How can I use PE in inference?

  • directly from inference[transformers] package, integrating the model directly into your code
  • using inference HTTP API (hosted locally, or on the Roboflow platform), integrating via HTTP protocol
  • using inference-sdk package (pip install inference-sdk) and InferenceHTTPClient
  • creating custom code to make HTTP requests (see API Reference)

Supported PE versions

  • perception_encoder/PE-Core-B16-224
  • perception_encoder/PE-Core-L14-336
  • perception_encoder/PE-Core-G14-448

We currently only support the CLIP interface for PE models. We don't support the language or spatial aligned models yet.

Classify Video Frames

With PE, you can classify images and video frames without training a model. This is because PE has been pre-trained to recognize many different objects.

To use PE to classify video frames, you need a prompt. In the example below, we will use the prompt "an image of a guy with a beard holding a can of sparkling water".

We can compare the similarity of the prompt to each video frame and use that to classify the video frame.

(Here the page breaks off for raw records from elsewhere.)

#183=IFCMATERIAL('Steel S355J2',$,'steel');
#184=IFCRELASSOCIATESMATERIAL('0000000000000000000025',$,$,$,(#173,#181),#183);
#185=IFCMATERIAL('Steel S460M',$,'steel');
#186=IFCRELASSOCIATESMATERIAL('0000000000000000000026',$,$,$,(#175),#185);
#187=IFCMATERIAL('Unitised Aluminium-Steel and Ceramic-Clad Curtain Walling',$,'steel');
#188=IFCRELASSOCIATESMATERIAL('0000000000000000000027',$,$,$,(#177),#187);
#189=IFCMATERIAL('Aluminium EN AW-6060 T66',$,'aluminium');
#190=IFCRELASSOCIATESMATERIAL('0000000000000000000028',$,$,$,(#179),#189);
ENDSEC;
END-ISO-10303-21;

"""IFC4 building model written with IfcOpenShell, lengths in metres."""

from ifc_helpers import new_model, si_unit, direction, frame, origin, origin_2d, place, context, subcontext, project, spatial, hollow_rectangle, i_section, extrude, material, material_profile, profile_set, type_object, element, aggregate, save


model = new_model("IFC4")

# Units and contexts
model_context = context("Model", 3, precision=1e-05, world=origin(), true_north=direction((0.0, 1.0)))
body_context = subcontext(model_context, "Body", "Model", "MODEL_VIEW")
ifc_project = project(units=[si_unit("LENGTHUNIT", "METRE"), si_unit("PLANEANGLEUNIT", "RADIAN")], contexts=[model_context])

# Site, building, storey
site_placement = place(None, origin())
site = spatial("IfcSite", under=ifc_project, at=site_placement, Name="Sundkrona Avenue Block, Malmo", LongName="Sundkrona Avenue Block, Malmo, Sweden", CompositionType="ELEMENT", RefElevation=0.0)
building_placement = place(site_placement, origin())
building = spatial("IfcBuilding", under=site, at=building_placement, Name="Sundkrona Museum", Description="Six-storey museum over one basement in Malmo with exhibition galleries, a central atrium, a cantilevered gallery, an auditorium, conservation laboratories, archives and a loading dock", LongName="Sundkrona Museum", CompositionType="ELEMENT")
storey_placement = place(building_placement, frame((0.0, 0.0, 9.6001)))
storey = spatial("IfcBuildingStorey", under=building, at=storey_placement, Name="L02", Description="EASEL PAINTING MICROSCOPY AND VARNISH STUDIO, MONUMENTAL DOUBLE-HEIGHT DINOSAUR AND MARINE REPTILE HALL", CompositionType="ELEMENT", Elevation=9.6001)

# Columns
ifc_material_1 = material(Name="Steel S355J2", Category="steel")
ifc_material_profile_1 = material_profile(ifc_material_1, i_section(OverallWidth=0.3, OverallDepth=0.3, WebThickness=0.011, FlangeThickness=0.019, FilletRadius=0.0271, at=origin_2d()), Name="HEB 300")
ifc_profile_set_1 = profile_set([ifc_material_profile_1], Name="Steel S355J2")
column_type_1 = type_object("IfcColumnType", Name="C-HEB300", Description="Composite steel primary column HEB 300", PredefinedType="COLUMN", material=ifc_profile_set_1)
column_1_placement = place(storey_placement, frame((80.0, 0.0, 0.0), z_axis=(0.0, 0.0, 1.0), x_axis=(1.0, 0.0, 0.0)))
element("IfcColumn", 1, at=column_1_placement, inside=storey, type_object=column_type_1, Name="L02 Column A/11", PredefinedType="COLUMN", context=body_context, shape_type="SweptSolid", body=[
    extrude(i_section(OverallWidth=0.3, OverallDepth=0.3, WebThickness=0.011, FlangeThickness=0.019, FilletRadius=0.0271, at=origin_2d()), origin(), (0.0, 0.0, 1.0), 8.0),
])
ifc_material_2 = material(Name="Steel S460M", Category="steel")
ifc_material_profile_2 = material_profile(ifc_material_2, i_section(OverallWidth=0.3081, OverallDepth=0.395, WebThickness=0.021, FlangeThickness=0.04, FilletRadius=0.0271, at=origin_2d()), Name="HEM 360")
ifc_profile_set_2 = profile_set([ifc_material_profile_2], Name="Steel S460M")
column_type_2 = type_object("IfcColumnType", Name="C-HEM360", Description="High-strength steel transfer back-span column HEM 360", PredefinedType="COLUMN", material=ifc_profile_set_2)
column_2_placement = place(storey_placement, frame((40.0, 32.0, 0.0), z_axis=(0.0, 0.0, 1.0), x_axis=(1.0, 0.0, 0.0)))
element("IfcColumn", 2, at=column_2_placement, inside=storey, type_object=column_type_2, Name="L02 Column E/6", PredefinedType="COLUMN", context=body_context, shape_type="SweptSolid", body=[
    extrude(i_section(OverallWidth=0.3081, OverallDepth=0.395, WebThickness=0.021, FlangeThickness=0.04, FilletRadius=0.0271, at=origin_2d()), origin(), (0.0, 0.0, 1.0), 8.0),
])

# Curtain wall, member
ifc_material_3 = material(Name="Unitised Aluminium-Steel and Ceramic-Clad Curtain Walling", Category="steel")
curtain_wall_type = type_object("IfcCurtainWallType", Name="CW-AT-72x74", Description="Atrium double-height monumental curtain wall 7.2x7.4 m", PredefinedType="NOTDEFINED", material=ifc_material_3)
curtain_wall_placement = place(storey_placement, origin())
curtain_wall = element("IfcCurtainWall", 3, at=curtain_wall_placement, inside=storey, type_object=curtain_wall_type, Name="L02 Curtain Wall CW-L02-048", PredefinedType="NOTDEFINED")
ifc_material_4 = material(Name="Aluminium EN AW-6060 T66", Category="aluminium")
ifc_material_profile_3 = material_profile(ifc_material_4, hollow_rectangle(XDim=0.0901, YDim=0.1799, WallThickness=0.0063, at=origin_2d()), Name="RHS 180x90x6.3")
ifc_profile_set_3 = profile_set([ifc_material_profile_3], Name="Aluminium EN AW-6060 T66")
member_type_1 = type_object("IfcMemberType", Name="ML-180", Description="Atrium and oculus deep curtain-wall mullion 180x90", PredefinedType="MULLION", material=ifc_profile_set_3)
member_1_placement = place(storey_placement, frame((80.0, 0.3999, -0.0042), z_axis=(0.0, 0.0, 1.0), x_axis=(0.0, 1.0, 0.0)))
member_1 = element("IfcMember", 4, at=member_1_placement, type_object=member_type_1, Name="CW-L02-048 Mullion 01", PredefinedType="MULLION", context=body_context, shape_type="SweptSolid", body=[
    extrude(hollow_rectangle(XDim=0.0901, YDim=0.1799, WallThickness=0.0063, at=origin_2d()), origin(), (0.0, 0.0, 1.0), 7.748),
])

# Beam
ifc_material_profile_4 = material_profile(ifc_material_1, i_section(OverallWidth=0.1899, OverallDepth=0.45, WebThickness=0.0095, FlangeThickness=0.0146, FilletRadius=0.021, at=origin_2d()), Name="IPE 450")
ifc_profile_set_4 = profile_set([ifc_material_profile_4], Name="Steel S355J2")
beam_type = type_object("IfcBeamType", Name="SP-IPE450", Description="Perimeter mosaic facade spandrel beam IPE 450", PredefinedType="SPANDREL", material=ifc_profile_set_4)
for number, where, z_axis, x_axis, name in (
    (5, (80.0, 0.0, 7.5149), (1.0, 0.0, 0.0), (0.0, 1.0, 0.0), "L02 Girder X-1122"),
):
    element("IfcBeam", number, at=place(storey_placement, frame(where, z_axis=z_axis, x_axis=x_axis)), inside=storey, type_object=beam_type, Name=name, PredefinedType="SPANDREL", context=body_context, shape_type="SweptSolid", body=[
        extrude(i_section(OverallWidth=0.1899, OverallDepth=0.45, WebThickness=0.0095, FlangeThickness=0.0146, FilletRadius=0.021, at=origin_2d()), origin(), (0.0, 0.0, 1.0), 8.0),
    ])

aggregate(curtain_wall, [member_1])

Below is a demo of PE classifying video frames in real time. The code for the example is below the image.

Perception Encoder demo

First, install the Inference transformers extension:

pip install "inference[transformers]"

Then, create a new Python file and add the following code:

import cv2
import inference
from inference.core.utils.postprocess import cosine_similarity

from inference.models import PerceptionEncoder
pe = PerceptionEncoder(model_id="perception_encoder/PE-Core-B16-224", device="mps")  # `model_id` has default, but here is how to test other versions

prompt = "an image of a guy with a beard holding a can of sparkling water"
text_embedding = pe.embed_text(prompt)

def render(result, image):
    # get the cosine similarity between the prompt & the image
    similarity = cosine_similarity(result["embeddings"][0], text_embedding[0])

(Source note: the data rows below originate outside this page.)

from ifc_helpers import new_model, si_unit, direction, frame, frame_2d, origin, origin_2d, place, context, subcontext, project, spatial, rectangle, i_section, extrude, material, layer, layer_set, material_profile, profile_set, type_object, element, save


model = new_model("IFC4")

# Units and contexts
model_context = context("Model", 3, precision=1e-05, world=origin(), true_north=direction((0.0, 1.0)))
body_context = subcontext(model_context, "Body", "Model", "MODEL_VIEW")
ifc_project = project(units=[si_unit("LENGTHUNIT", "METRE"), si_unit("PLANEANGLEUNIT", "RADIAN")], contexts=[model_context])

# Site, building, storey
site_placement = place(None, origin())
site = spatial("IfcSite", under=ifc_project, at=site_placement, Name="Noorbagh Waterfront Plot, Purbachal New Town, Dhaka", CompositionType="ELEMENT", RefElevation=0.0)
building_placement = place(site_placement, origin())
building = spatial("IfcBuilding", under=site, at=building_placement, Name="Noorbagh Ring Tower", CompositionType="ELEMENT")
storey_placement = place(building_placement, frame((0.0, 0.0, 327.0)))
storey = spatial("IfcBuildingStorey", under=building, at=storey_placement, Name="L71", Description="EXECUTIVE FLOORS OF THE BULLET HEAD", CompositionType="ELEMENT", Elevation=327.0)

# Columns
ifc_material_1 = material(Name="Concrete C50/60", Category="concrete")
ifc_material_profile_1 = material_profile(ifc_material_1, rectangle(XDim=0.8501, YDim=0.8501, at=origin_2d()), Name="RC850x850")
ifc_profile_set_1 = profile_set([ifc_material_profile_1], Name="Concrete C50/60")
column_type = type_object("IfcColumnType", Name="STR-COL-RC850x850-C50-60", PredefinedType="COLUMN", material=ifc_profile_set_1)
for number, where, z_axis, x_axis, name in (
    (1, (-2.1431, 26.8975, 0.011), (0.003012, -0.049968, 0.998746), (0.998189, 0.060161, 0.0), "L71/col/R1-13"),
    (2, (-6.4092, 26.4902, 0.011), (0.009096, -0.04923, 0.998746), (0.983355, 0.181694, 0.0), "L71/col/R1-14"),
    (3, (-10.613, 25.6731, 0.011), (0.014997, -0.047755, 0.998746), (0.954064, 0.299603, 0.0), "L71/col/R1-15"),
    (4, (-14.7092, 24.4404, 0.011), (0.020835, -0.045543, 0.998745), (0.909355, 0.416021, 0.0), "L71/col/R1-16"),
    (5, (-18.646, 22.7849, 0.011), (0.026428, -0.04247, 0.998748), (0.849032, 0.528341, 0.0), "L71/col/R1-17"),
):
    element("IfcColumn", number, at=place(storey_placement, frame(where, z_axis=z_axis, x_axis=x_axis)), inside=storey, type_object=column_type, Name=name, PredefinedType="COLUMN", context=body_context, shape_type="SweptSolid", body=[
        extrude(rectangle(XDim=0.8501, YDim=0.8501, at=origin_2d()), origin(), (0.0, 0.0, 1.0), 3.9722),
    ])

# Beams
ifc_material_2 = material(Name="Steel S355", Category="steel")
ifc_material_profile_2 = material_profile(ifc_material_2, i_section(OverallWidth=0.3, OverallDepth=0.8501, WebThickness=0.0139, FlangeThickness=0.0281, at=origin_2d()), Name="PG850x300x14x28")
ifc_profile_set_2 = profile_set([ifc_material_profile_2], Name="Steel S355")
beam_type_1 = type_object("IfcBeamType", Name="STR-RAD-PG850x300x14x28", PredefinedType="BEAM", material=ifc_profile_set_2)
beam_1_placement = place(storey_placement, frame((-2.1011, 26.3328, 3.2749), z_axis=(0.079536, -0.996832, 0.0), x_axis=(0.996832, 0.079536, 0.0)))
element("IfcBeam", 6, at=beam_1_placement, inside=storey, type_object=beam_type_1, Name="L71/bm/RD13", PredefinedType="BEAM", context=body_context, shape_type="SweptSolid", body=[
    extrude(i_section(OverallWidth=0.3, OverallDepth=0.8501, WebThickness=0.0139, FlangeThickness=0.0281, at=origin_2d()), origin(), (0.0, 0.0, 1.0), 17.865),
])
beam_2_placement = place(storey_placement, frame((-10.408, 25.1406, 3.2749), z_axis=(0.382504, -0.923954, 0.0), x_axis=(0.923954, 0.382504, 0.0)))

    # scale the result to 0-100 based on heuristic (~the best & worst values I've observed)
    range = (0.15, 0.40)
    similarity = (similarity-range[0])/(range[1]-range[0])
    similarity = max(min(similarity, 1), 0)*100

    # print the similarity
    text = f"{similarity:.1f}%"
    cv2.putText(image, text, (10, 310), cv2.FONT_HERSHEY_SIMPLEX, 12, (255, 255, 255), 30)
    cv2.putText(image, text, (10, 310), cv2.FONT_HERSHEY_SIMPLEX, 12, (206, 6, 103), 16)

    # print the prompt
    cv2.putText(image, prompt, (20, 1050), cv2.FONT_HERSHEY_SIMPLEX, 2, (255, 255, 255), 10)
    cv2.putText(image, prompt, (20, 1050), cv2.FONT_HERSHEY_SIMPLEX, 2, (206, 6, 103), 5)

    # display the image
    cv2.imshow("PE", image)
    cv2.waitKey(1)

# start the stream
inference.Stream(
    source="webcam",
    model=pe,
    output_channel_order="BGR",
    use_main_thread=True,
    on_prediction=render
)

Run the code to use Perception Encoder on your webcam.

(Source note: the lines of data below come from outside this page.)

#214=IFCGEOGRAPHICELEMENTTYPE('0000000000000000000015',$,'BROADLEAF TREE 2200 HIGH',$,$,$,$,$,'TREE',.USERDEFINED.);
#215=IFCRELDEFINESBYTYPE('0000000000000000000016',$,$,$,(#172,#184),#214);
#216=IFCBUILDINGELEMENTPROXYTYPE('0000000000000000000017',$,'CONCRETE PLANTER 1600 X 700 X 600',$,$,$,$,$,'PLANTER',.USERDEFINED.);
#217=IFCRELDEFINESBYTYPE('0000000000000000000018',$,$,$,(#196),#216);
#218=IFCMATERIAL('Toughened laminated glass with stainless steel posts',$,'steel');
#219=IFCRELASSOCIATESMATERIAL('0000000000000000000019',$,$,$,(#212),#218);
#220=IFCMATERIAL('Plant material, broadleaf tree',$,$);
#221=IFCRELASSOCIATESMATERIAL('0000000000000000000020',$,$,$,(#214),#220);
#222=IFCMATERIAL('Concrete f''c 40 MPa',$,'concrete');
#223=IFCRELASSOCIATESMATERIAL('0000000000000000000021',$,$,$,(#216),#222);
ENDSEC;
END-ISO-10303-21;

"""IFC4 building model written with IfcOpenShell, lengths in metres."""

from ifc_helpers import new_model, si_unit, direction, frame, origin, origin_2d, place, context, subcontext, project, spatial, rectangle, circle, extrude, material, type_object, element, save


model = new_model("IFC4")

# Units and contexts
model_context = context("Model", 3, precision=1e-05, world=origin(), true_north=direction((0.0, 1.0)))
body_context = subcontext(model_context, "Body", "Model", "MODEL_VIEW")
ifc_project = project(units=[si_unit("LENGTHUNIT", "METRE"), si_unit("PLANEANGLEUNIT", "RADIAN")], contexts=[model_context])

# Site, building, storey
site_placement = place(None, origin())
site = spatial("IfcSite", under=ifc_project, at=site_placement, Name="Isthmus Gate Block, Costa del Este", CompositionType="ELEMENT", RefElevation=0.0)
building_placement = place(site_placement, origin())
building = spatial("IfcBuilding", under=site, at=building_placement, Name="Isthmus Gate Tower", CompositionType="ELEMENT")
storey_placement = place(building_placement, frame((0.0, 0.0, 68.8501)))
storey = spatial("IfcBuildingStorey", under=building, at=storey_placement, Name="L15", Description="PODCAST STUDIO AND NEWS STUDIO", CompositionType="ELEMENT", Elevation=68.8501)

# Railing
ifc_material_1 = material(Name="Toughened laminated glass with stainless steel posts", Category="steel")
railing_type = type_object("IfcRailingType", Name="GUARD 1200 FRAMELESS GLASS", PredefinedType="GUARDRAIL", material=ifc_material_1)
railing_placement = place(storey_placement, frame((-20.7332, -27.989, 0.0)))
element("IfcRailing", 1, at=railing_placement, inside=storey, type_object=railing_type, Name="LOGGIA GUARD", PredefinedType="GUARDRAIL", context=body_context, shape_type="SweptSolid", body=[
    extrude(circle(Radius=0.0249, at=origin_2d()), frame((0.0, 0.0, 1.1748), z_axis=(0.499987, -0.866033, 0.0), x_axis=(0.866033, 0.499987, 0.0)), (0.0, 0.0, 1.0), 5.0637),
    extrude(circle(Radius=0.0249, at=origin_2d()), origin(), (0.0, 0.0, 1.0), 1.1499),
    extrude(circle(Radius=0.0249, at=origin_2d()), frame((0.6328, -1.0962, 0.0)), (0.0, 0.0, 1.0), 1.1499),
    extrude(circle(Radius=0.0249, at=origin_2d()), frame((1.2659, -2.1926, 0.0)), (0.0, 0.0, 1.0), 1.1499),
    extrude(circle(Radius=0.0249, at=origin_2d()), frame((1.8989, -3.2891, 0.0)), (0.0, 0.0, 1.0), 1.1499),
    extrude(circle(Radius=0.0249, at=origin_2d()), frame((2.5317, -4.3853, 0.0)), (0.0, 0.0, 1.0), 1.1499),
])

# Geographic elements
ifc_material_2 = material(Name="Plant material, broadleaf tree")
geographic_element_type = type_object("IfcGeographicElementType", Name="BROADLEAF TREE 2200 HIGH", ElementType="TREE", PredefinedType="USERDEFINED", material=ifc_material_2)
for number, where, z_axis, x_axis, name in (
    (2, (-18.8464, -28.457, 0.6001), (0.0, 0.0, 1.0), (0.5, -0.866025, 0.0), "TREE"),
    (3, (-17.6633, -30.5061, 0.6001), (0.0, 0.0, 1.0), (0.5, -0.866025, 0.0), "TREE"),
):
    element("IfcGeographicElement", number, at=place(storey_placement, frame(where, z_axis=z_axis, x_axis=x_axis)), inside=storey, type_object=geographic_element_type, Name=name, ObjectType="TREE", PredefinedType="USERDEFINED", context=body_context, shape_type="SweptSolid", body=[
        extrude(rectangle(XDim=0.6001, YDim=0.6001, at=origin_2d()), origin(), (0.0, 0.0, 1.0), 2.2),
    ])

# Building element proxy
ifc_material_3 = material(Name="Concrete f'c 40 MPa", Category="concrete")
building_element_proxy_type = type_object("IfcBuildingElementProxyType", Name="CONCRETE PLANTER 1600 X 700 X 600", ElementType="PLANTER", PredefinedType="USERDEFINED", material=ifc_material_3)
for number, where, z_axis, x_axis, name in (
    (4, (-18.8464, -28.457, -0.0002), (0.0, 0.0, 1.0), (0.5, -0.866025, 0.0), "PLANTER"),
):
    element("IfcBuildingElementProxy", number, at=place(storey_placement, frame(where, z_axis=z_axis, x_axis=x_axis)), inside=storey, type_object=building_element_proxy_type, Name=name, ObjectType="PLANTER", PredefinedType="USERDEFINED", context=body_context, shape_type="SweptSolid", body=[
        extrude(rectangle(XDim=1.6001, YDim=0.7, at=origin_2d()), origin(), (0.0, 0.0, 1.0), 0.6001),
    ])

Note: The model will take a minute or two to load. You will not see output while the model is loading.

Using PE in Workflows

Perception Encoder can be used in Roboflow Workflows via the Perception Encoder Embedding Model block. This block lets you generate embeddings for images or text without writing code.

API Compatibility

The Perception Encoder model uses the same API as CLIP. This means you can use all the same methods and request/response formats as you would with CLIP, including embed_text, embed_image, and compare.

For more details and advanced usage, see the CLIP documentation.